At the time, the lack of proper facilities meant that the SBA's players started practicing in open-air courts. SBA meetings were also mainly held at the Clerical Union Hall. The Thomas Cup win, however, kicked off a fundraiser to build a badminton hall. Despite the donations, the SBA struggled with the cost of the construction and had to relinquish ownership of the badminton hall to the Singapore Sports Council (now known as Sport Singapore). Eventually, the Singapore Badminton Hall, which also doubled as the SBA's headquarters, was opened in 1952.

In January 2008, the SBA's lease at the Singapore Badminton Hall expired. The SBA then relocated to the Singapore Sports School. The SBA is currently located at the Singapore Sports Hub, after the latter's construction was completed in 2014.

===Post-independence success===
Badminton would experience a revival in Singapore after the 1983 Southeast Asian Games, when Wong Shoon Keat won the gold medal at the men's singles.

In 2021, Loh Kean Yew made history by becoming the men's singles world champion, winning the title at the 2021 BWF World Championships, becoming the first Singaporean to achieve this feat.

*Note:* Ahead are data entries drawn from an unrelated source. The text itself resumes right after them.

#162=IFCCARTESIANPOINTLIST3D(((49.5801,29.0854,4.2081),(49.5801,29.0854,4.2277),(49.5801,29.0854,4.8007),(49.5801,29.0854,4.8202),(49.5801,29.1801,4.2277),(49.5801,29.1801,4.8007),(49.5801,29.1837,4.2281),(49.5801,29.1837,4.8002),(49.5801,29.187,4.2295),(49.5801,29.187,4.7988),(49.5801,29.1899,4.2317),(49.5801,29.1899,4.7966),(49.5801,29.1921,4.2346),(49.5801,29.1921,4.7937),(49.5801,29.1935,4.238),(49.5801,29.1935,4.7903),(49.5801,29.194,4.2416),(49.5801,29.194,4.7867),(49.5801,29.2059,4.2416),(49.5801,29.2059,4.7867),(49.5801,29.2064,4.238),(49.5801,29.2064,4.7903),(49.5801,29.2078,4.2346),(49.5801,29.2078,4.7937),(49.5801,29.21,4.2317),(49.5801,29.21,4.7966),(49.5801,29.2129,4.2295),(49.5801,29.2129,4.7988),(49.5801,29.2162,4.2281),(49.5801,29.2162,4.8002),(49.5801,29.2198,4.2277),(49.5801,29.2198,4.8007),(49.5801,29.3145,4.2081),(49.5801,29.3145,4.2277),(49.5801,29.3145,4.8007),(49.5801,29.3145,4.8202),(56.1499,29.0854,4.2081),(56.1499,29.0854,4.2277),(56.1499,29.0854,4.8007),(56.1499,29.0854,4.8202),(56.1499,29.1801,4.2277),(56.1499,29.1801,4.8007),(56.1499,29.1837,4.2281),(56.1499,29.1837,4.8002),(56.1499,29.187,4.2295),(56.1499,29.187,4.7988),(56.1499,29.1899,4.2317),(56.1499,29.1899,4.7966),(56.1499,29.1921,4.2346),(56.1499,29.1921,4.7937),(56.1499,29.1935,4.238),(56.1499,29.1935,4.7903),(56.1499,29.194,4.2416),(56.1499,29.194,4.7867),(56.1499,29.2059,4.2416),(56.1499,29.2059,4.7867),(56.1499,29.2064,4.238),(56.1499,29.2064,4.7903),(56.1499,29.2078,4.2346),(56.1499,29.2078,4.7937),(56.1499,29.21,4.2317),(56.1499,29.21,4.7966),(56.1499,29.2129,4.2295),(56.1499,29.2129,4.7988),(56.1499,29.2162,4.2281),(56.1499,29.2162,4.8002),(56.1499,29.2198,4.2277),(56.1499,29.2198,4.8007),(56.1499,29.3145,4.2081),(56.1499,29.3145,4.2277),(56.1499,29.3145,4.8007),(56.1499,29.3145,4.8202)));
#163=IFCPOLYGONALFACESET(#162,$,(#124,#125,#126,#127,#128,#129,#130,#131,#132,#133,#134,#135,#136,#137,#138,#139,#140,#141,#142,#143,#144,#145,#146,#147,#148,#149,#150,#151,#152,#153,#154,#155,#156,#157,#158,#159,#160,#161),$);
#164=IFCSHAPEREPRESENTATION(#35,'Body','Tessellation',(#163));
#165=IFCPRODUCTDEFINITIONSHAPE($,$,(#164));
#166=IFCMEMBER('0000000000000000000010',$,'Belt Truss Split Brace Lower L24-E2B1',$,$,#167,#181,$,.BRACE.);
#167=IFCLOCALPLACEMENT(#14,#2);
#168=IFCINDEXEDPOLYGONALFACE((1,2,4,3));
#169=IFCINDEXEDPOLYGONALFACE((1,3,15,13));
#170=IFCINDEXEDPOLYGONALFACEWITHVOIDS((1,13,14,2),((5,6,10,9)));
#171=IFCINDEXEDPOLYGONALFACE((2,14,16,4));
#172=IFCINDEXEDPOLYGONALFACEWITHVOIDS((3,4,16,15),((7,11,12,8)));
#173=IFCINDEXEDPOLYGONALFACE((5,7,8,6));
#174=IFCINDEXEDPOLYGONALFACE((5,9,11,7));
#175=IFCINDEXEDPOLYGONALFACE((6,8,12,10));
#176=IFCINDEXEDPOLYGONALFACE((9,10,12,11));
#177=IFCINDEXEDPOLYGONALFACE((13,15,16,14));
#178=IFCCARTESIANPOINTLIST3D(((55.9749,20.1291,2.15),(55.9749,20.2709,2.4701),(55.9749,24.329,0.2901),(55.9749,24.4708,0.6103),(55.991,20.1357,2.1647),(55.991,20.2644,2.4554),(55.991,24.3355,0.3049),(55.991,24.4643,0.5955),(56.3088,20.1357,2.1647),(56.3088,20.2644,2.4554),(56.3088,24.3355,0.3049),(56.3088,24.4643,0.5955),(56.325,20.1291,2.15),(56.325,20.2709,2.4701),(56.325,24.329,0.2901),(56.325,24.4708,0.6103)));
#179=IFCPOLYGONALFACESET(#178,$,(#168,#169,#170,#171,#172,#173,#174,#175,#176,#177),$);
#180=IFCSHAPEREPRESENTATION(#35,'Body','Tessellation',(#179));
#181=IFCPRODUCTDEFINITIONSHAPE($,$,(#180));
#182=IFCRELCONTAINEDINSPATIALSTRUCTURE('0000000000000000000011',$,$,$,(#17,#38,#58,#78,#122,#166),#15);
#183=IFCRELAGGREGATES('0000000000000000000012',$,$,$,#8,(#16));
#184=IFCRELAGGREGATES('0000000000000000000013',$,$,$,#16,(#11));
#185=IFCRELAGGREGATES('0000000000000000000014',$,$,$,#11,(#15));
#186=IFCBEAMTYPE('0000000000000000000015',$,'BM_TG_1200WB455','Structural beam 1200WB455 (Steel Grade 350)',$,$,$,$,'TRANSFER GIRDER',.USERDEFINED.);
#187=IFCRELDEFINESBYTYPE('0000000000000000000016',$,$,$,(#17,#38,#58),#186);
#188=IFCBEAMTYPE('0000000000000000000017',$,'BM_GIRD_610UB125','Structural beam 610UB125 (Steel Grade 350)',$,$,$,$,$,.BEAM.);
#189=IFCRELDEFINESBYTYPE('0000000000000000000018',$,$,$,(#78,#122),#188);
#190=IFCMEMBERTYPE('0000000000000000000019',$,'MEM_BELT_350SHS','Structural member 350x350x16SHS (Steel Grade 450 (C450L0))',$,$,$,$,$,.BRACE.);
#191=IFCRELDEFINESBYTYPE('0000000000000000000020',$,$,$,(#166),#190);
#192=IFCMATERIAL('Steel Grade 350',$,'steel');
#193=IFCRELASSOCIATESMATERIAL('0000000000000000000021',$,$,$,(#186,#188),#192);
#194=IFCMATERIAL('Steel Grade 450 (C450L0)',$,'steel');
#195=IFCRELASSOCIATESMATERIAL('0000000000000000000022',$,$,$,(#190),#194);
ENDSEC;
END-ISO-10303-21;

===SBA Badminton Academy===
In 2017, the SBA launched the Singapore Badminton Academy in partnership with ActiveSG. The academy, headed by former Olympian Jiang Yanmei, offers a series of badminton programmes across Singapore for aspiring shuttlers aged six to 17. Many former national shuttlers are part of the academy's coaching team.

== Presidents ==

| Year | President | Ref |
|---|---|---|
| 1929–1932 | Tan Boo Teck |  |
| 1932–1934 | Poh Chee Juay |  |
| 1934–1936 | Tan Boo Teck |  |
| 1936–1939 | Chua Keh Hai |  |
| 1939–1941 | Goh Hood Kiat |  |
| 1947–1954 | Lim Chuan Geok |  |
| 1954–1955 | Aw Cheng Chye |  |
| 1955–1961 | Wee Kim Wee |  |
| 1961–1965 | Lim Kim Peow |  |
| 1965–1967 | Siow Watt Soon |  |
| 1967–1972 | Ong Pang Boon |  |
| 1972–1973 | Wong Lin Ken |  |
| 1973–1974 | Danny Wong |  |
| 1974–1975 | A. W. Kirby |  |
| 1975–1981 | Lee Kin Tat |  |
| 1981–1991 | Ong Teng Cheong |  |
| 1991–1997 | Lee Yock Suan |  |
| 1997–2002 | Wang Kai Yuen |  |
| 2002–2008 | Lim Swee Say |  |
| 2008–2016 | Lee Yi Shyan |  |
| 2016–2018 | Tan Kian Chew |  |
| 2018- | Lawrence Leow |  |

==Tournaments==
The SBA is involved in a number of tournaments throughout the year.

===Singapore Open===
The Singapore Open is a BWF-sanctioned tournament organised by the SBA. It has been categorised as a BWF World Tour Super 750 event since the BWF announced its new events structure in 2023. The tournament, which offered a total prize money of US$850,000 in its 2023 edition, attracts some of the world's best shuttlers.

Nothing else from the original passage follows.